Figure 9 shows contour plots of the total current density and the temperature at six different current levels.

«Fig. 9.» Contour plots of total current density (upper six graphics) and temperature (lower six graphics) at the drain current level indicated.

The first picture, at Id = 3 x 10–4 A, shows the situation immediately before snapback. The breakdown occurs at the drain-to-bulk junction towards the gate. The impact ionization is homogeneous along the junction, indicated by the homogeneous current density. The picture at Id = 3.4 x 10–4 A is taken immediately after snapback. The parasitic NPN transistor triggers first in the middle of the device, which leads to an inhomogeneous current flow. At the holding point, Id = 3 x 10–3 A, the current flow is still inhomogeneous but starts to homogenize. The current constriction during snapback cannot be modeled with 2D device simulations. Therefore, 2D simulations would predict too low a holding voltage because a larger effective device width is assumed.

Above the holding point, the current starts to flow more and more homogeneously over the entire width of the device, and the temperature starts to rise. The hot spot lies at the drain junction towards the gate, and the temperature is higher in the middle of the device. This leads eventually to a destructive current filament in the middle of the device when the temperature approaches the intrinsic temperature of silicon.

In the last few years, the transient interferometric mapping (TIM) characterization technique from TU Vienna has proven to be invaluable in characterizing internal device behavior such as hot spots during highcurrent pulses [9].

The quantity measured in a TIM measurement is the phase shift of the laser probe beam. Only a qualitative comparison of the measured phase shift to simulation results (temperature, current density) has been possible. To compare TIM measurements directly to simulation results, the tool Absorption and Phase shift Extraction (APEX) was developed by Synopsys. APEX is a postprocessor that extracts the phase shift from Sentaurus Device results so that it can be compared to the measured phase shift directly. An advanced example showing the use of APEX is available from SolvNet [10].

Compact Modeling for ESD

There is a great need to include ESD compact models in circuit simulations to predict critical current paths and critical (I,V) node values, and to enhance input/output design quality [11]. The insight gained by TCAD permits developing physically based compact model add-ons for ESD. Internal device characteristics not accessible by measurements can be studied. Calibrated process and device simulation allows parameter extraction for ESD compact models. Expensive, noisy, and destructive measurements can be avoided.
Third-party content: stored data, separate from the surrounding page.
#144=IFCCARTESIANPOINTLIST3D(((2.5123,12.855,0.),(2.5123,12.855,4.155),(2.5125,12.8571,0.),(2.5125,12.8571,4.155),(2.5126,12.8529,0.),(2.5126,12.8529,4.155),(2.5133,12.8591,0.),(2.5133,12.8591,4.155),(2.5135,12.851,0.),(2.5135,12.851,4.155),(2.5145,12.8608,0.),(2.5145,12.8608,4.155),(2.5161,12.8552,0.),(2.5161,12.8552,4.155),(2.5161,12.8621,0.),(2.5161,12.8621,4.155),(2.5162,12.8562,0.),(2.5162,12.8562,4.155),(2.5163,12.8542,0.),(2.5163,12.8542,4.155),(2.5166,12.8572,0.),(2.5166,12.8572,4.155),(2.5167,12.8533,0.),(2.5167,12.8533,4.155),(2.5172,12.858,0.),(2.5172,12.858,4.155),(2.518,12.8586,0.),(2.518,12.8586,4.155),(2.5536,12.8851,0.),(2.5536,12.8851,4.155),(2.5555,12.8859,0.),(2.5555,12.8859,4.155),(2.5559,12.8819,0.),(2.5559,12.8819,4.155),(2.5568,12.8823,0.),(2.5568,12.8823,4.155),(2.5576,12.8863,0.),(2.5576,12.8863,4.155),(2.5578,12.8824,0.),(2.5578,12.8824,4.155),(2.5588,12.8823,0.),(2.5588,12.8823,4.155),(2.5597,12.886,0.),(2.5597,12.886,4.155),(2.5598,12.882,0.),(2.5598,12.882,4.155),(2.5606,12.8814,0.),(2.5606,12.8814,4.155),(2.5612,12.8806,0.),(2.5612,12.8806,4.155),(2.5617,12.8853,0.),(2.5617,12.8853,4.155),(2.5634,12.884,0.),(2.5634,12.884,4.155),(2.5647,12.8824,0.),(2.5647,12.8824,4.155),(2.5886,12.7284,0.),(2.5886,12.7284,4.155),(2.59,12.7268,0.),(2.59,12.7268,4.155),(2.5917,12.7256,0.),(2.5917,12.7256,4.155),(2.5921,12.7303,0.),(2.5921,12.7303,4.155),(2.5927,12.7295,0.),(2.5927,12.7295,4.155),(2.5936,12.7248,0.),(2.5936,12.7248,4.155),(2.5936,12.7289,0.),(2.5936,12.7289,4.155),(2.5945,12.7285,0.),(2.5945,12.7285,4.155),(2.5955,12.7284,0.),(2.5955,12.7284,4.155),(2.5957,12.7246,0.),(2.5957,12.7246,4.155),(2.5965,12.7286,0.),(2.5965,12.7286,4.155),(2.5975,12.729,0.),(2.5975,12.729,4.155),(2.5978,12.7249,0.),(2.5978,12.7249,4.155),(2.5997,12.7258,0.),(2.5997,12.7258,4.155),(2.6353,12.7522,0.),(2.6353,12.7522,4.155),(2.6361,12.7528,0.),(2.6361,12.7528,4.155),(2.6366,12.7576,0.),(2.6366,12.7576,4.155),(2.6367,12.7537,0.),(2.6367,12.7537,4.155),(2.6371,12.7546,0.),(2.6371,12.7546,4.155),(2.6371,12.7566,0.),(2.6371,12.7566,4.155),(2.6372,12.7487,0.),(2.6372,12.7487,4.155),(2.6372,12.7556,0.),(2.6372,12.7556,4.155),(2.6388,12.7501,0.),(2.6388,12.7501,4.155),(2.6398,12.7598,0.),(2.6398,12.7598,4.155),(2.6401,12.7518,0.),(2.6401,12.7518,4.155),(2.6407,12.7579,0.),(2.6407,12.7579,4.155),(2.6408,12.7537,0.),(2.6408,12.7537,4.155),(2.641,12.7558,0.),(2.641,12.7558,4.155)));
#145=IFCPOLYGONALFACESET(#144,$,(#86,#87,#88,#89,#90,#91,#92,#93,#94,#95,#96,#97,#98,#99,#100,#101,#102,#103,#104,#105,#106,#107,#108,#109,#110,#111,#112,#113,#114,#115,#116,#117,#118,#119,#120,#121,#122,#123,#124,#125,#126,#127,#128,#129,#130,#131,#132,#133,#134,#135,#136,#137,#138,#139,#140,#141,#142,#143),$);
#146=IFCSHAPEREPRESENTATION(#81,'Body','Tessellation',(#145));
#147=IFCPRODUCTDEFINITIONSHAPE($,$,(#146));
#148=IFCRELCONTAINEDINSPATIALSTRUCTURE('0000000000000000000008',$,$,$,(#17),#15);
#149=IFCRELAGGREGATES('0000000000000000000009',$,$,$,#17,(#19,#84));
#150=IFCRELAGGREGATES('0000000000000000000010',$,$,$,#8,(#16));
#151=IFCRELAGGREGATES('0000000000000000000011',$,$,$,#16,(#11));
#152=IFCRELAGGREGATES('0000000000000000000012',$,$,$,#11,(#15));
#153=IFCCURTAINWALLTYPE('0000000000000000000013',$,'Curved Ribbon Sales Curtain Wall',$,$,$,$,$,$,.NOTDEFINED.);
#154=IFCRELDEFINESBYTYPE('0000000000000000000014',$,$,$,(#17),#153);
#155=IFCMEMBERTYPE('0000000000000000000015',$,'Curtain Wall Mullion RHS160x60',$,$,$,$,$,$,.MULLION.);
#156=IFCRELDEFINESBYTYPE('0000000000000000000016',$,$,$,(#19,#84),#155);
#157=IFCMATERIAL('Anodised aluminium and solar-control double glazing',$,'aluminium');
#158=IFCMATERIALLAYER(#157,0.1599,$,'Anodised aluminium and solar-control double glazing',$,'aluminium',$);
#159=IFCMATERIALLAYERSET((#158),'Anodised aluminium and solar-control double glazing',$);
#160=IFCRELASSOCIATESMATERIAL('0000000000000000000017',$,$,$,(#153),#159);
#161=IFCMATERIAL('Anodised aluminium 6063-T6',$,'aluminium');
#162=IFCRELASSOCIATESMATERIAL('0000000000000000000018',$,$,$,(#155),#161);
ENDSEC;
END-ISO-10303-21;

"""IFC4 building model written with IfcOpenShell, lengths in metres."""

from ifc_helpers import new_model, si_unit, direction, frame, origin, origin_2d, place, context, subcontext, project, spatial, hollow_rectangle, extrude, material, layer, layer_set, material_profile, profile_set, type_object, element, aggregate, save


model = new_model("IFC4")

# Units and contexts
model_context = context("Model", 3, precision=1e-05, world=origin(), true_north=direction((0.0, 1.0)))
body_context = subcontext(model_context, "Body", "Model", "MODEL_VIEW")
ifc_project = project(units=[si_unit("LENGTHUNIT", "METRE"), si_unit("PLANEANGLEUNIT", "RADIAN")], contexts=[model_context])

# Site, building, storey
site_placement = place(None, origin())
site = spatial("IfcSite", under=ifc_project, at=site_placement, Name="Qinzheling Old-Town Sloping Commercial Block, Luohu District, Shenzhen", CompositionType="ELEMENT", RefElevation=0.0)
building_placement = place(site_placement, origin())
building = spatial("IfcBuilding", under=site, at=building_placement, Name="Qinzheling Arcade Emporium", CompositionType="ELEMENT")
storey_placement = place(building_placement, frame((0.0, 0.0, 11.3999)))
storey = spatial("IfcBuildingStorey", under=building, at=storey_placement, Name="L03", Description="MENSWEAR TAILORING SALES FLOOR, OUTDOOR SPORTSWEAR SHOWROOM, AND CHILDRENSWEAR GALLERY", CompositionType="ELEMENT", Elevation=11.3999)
To keep the compact model development effort to a reasonable level, a modular modeling strategy is chosen. This strategy is often referred to as macro-modeling or subcircuit modeling in the literature [12]. The standard model of the corresponding device (for example, a Gummel–Poon or BSIM model) has been retained for normal operation conditions, and it has been extended by ESDspecific add-on modules to form a full ESDcompact model.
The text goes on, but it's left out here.